Currently making a fair map of Texas that respects county lines and communities of interests as much as possible. Basically it would get really ugly for Republicans really quick based on population estimates. Democrats would have four seats in Dallas County alone, another safe seat in Tarrant County, a second swing seat in Tarrant County that voted for Trump and O'Rourke, three seats in the Austin-Round Rock-San Marcos MSA. Five seats in Harris County (two light blue, Dem-trending seats), one seat in Fort Bend County, two in Bexar County, one in El Paso County, and three south Texas Democratic seats (I cleaned up the ugly bacon strips and gave Hidalgo County its own seat, another seat is Cameron plus the remainder of Hidalgo, and another is Webb to southern Bexar). Another light blue seat in the Corpus Christi MSA plus the south Texas rurals. Only seat Republicans would gain is the successor to TX-23.

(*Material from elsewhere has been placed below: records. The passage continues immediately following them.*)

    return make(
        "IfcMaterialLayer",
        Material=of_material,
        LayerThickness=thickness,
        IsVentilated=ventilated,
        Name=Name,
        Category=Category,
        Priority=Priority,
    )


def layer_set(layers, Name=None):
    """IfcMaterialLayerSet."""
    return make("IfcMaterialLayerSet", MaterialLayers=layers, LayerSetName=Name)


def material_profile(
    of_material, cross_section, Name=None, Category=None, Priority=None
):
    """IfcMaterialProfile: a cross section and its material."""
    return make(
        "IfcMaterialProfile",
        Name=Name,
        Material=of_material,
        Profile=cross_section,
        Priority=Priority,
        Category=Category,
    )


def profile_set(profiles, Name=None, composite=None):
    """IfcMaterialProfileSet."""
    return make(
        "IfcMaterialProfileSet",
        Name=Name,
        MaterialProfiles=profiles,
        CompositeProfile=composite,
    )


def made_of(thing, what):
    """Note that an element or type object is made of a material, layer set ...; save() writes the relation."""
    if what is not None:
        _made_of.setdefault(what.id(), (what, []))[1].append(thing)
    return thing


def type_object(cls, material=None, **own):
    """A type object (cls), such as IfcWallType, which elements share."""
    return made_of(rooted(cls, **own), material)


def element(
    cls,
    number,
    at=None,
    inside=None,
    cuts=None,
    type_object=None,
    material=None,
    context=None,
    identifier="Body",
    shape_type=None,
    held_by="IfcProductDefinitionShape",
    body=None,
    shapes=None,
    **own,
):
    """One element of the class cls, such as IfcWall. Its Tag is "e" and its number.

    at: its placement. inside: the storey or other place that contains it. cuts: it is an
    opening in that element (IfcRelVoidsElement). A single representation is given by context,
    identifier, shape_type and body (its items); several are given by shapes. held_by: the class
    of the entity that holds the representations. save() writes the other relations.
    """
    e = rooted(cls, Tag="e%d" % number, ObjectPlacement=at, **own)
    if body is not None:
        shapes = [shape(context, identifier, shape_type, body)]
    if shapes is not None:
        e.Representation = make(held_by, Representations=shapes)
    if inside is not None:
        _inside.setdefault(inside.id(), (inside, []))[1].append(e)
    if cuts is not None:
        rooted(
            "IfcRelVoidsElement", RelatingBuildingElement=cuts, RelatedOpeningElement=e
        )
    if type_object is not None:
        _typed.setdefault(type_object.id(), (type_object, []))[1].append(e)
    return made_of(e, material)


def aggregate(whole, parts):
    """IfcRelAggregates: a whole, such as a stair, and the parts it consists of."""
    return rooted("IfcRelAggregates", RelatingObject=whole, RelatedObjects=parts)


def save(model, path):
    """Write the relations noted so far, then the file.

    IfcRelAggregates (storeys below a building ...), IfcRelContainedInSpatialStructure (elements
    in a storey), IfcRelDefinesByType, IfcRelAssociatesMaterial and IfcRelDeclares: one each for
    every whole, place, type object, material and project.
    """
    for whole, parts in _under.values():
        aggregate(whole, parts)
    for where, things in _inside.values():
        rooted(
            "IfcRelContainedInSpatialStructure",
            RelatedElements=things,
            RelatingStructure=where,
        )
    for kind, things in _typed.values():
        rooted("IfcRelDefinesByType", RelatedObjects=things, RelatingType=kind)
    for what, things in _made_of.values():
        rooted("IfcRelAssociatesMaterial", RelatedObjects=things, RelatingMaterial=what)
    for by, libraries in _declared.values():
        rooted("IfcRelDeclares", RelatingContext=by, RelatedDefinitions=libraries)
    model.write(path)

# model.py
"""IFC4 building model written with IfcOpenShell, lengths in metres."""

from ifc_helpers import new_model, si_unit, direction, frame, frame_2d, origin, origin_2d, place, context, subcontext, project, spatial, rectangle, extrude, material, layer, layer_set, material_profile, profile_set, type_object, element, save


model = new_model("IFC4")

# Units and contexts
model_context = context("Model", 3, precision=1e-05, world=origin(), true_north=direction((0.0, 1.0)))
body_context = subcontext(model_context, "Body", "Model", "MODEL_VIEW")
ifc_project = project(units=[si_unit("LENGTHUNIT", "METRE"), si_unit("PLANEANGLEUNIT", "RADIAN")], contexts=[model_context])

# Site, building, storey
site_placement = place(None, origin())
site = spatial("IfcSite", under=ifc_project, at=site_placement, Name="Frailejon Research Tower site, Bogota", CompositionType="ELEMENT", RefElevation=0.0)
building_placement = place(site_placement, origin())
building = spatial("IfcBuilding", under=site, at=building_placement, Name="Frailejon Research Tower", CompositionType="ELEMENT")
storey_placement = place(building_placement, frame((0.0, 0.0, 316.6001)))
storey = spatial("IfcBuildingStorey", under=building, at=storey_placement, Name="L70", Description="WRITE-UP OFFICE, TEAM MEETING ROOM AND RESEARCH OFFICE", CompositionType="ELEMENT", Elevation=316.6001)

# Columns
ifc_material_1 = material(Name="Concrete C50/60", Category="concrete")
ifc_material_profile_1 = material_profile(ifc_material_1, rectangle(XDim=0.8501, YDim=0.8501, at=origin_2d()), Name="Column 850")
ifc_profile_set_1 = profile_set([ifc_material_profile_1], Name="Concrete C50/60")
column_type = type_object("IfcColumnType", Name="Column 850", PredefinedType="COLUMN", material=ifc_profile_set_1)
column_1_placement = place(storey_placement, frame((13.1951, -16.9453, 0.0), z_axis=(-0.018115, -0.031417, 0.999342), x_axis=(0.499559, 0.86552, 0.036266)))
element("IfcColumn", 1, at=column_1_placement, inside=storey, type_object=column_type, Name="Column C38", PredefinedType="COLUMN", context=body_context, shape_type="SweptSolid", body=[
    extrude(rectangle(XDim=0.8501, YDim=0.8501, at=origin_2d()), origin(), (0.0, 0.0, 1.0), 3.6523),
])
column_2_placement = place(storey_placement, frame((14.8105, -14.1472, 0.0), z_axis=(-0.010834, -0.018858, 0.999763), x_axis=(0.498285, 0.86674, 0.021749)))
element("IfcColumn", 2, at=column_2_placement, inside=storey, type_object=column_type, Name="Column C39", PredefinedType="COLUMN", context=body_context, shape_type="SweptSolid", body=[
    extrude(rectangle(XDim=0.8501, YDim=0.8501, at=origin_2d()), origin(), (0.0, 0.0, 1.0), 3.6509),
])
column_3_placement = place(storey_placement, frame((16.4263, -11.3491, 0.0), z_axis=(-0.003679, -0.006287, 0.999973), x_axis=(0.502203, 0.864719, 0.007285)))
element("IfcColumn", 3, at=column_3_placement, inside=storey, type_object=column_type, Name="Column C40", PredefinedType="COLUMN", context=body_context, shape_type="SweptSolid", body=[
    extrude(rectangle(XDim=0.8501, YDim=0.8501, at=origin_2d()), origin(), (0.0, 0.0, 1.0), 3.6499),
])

And the Collin County seat I'm drawing would have only been Trump +9. O'Rourke almost definitely won that.

So that's 20 Democratic seats and another 3 swing seats that are also trending Dem fast. Republicans better hope that they control the map drawing process indefinitely here since when the time comes that they don't, they're gonna lose a ton of seats in the metros

The way the process works in Texas, Republicans are already assured of being able to gerrymander the state legislature in 2021.  If Democrats flip the lower house (where a majority of seats were won by Beto and more than 3% left of the state), they can force a court map for congress for 2022, but the lower house would be favored to flip back R under the new map (there are limitations on county splits so it's not a sure thing) unless 2022 is a Dem wave.  Mid-decade congressional redistricting is legal in Texas and has been done before.  Republicans would just gerrymander the congressional map in 2023 instead of 2021 unless Democrats flipped TX-GOV in 2022.

The best medium/long term recourse for TX Dems would be through the state supreme court, which is elected statewide R vs. D and 3/9 seats are up every 2 years.  If they are routinely winning statewide while losing the legislature due to gerrymandering/equal CVAP districting, taking control of the state supreme court and getting an PA/NC style decision throwing out the maps sometime during 2023-27 is plausible.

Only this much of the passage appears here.